Values of the affinity of the dissolution reaction are always greater for calcite than for aragonite (Fig. 3). This reflects the greater stability of calcite when compared to that of aragonite: the driving force for dissolution is greater for aragonite, and the driving force for precipitation is larger for calcite. This is one cause of the well-known recrystallization of calcium carbonate: dissolution of aragonite and precipitation of calcite. The difference between the affinities of reaction for calcite and aragonite are small (about 0.4 kJ/mol) compared to the scatter of the data depicted in Figure 3. It is impossible to distinguish between calcite and aragonite at this level of accuracy.
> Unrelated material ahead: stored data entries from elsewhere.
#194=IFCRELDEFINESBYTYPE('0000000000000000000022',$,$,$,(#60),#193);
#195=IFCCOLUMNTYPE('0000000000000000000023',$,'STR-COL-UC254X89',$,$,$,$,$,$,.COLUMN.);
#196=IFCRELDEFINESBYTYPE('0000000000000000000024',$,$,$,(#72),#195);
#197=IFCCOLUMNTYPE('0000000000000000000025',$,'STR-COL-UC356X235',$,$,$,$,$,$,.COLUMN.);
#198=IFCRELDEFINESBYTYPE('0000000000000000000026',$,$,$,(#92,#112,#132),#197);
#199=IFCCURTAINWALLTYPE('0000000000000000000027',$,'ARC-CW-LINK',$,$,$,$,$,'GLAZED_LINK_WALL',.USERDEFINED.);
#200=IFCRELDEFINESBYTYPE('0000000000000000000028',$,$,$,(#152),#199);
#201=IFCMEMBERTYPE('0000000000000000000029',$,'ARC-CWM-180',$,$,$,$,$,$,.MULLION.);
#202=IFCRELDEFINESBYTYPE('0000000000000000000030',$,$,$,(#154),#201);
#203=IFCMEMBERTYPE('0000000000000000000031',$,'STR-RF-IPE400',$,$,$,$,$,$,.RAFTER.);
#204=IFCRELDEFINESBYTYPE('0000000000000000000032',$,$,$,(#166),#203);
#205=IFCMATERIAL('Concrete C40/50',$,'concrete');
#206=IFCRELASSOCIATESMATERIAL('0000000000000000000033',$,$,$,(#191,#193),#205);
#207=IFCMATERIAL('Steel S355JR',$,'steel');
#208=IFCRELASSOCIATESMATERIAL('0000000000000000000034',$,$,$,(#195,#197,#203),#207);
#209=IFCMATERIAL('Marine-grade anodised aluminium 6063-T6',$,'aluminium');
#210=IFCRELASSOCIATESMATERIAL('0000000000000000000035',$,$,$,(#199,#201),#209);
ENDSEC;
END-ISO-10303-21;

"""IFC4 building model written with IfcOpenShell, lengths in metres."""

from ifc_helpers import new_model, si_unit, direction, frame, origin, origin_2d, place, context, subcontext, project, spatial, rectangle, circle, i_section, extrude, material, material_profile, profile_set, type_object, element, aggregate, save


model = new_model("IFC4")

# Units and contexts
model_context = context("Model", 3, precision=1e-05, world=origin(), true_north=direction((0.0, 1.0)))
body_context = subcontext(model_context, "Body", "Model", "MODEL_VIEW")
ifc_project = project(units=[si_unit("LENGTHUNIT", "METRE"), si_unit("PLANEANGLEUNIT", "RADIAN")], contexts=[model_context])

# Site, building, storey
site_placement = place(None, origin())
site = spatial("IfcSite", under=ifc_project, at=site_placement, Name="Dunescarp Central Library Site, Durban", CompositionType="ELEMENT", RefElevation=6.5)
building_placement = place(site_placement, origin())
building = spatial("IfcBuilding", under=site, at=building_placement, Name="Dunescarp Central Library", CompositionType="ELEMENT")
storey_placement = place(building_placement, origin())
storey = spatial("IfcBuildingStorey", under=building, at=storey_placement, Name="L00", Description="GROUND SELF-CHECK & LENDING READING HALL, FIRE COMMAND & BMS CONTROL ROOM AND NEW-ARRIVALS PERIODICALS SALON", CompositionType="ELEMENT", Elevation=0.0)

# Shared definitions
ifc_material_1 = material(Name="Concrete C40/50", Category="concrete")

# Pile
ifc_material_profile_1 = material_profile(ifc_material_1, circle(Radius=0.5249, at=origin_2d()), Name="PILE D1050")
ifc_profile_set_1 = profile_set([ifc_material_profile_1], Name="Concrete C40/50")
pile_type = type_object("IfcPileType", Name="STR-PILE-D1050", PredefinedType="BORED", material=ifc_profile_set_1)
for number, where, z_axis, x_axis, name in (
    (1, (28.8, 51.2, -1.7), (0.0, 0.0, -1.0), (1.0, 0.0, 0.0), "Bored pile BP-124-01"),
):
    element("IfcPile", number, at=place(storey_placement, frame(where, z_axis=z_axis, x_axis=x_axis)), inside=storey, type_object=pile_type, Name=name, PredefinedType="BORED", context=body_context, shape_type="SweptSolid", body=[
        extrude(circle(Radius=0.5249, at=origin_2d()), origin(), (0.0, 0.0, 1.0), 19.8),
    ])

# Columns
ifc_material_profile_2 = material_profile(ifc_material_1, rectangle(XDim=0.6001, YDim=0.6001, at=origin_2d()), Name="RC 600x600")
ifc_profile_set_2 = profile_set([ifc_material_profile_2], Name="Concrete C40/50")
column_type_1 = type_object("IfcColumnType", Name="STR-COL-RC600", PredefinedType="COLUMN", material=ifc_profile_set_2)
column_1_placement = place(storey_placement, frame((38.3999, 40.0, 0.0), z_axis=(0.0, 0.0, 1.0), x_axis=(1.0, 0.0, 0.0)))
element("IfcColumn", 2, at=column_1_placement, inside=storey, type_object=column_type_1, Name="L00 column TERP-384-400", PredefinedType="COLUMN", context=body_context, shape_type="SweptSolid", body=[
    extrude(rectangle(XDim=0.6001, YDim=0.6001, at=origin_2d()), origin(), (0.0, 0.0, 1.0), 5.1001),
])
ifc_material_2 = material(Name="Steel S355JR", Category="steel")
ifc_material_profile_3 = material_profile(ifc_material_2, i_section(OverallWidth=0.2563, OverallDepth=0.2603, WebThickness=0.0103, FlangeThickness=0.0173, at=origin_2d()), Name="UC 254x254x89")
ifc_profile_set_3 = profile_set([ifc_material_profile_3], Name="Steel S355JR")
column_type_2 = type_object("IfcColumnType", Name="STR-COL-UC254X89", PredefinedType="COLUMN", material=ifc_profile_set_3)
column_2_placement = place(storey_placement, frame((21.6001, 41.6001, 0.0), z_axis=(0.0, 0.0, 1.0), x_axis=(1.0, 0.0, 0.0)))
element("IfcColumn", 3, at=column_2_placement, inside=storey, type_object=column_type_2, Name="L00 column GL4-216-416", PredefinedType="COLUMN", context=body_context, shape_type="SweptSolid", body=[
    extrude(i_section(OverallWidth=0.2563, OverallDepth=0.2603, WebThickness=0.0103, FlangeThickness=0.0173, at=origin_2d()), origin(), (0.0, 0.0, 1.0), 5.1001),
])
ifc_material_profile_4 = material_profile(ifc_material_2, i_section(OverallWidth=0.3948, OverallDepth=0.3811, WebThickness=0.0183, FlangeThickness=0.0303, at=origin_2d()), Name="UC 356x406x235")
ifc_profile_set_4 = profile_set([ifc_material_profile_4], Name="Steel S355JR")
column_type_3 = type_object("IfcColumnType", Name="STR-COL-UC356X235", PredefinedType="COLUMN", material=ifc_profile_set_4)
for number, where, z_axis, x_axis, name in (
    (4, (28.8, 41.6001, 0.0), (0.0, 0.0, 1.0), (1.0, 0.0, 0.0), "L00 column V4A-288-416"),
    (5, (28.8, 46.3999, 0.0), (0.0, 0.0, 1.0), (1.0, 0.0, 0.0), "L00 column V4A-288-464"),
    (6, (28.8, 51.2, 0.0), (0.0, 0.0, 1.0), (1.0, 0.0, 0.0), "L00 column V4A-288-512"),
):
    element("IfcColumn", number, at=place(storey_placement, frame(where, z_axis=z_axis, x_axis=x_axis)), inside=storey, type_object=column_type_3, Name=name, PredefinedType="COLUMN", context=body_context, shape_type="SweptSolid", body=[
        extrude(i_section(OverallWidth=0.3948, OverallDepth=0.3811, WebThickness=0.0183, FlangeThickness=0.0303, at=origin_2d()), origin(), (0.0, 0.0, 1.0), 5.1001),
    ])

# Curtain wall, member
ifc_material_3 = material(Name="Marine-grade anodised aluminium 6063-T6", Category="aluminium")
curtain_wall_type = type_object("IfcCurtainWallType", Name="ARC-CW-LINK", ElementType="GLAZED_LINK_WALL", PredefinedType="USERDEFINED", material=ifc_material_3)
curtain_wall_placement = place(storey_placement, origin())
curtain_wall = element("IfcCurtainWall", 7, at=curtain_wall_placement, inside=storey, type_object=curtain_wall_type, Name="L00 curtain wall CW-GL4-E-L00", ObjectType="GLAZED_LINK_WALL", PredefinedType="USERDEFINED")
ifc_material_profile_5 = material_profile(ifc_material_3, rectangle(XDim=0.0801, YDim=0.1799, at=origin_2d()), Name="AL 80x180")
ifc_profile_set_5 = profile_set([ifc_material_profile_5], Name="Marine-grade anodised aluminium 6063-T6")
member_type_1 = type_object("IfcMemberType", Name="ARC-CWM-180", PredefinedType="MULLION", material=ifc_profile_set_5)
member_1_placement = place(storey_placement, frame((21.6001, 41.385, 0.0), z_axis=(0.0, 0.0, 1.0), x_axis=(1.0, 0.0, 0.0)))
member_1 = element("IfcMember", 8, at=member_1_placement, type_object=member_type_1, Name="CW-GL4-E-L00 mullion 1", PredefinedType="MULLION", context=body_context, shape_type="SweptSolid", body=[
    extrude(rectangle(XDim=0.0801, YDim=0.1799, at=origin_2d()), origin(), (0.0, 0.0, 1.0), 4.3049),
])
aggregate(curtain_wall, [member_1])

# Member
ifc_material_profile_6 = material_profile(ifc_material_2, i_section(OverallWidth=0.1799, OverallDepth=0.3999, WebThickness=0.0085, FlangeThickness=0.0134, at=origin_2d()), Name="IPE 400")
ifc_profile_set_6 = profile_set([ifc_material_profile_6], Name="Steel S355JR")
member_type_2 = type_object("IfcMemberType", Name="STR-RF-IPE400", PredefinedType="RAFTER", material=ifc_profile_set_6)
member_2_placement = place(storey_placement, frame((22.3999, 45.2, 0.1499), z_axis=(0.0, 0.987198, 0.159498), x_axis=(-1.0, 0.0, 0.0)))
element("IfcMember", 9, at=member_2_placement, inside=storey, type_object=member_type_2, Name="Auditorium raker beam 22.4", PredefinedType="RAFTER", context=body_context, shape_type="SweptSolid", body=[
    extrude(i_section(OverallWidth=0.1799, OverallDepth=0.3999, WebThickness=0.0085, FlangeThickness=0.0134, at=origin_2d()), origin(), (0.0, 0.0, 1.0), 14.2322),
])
Because pH on board the ship was measured on the NBS pH scale, we retained this option throughout all this work. Data plotted in Figure 3 shows that pore-water pH values are scattered over a range that can reach up to 0.5 pH units. A few samples of the sediment from Leg 168 were squeezed to extract the pore waters 4 hr after core recovery (the so-called "post-MST" samples in table 16 of Davis, Fisher, Firth, et al., 1997), whereas the usual procedure was to process the samples in the chemistry lab immediately after recovery (i.e., within an hour). The difference in pH and alkalinity of these samples with those squeezed right after recovery is small but noticeable. This pH difference is comparable to the pH scatter of the whole data set, but alkalinity is lower, indicating active calcium carbonate precipitation within the samples following recovery. This sampling artifact contributes to the scatter in the pH data (Fig. 3). We calculated the distribution of carbonate species for the laboratory pressure and temperature at which the pH and alkalinity determinations were made, as well as for in situ conditions to verify that late analysis does not lead to major changes in the affinity of reaction. We checked that neither calcite nor aragonite are at equilibrium with the pore waters at the shipboard conditions (20°C and 1 bar). Results indicate that pore waters are largely supersaturated at these conditions.
We used the composition of the Baby Bare spring water (Mottl et al., 1998) to calculate the variation of the affinity of the calcite dissolution reaction implied by the use of different aqueous carbon dioxide models (Lewis and Wallace, 1999). Figure 2 shows that the results obtained with these various models are quite consistent (within 0.1 kJ/mol of each other) up to a temperature of about 30°C. Beyond this temperature, the "Geosecs" model leads to an unrealistic trend in the affinity of reaction. Other models are consistent within 0.2 kJ/mol up to about 60°C and show smooth variations of the affinity of reaction with temperature, as can be expected. We retained the "Dickson and Millero" option throughout this work. In these calculations we assume that pH does not change with temperature. Figure 2 also shows that the supersaturation of the Baby Bare spring waters with respect to calcite decreases when temperature decreases. These waters are venting to the deep ocean at 25°C, having cooled from an estimated temperature of 64°C during their ascent (Sansone et al., 1998). Our calculations are consistent with the removal of carbon from the spring waters by active calcium carbonate precipitation in the igneous basement at temperatures higher than that of the venting fluids, as concluded by Sansone et al. (1998).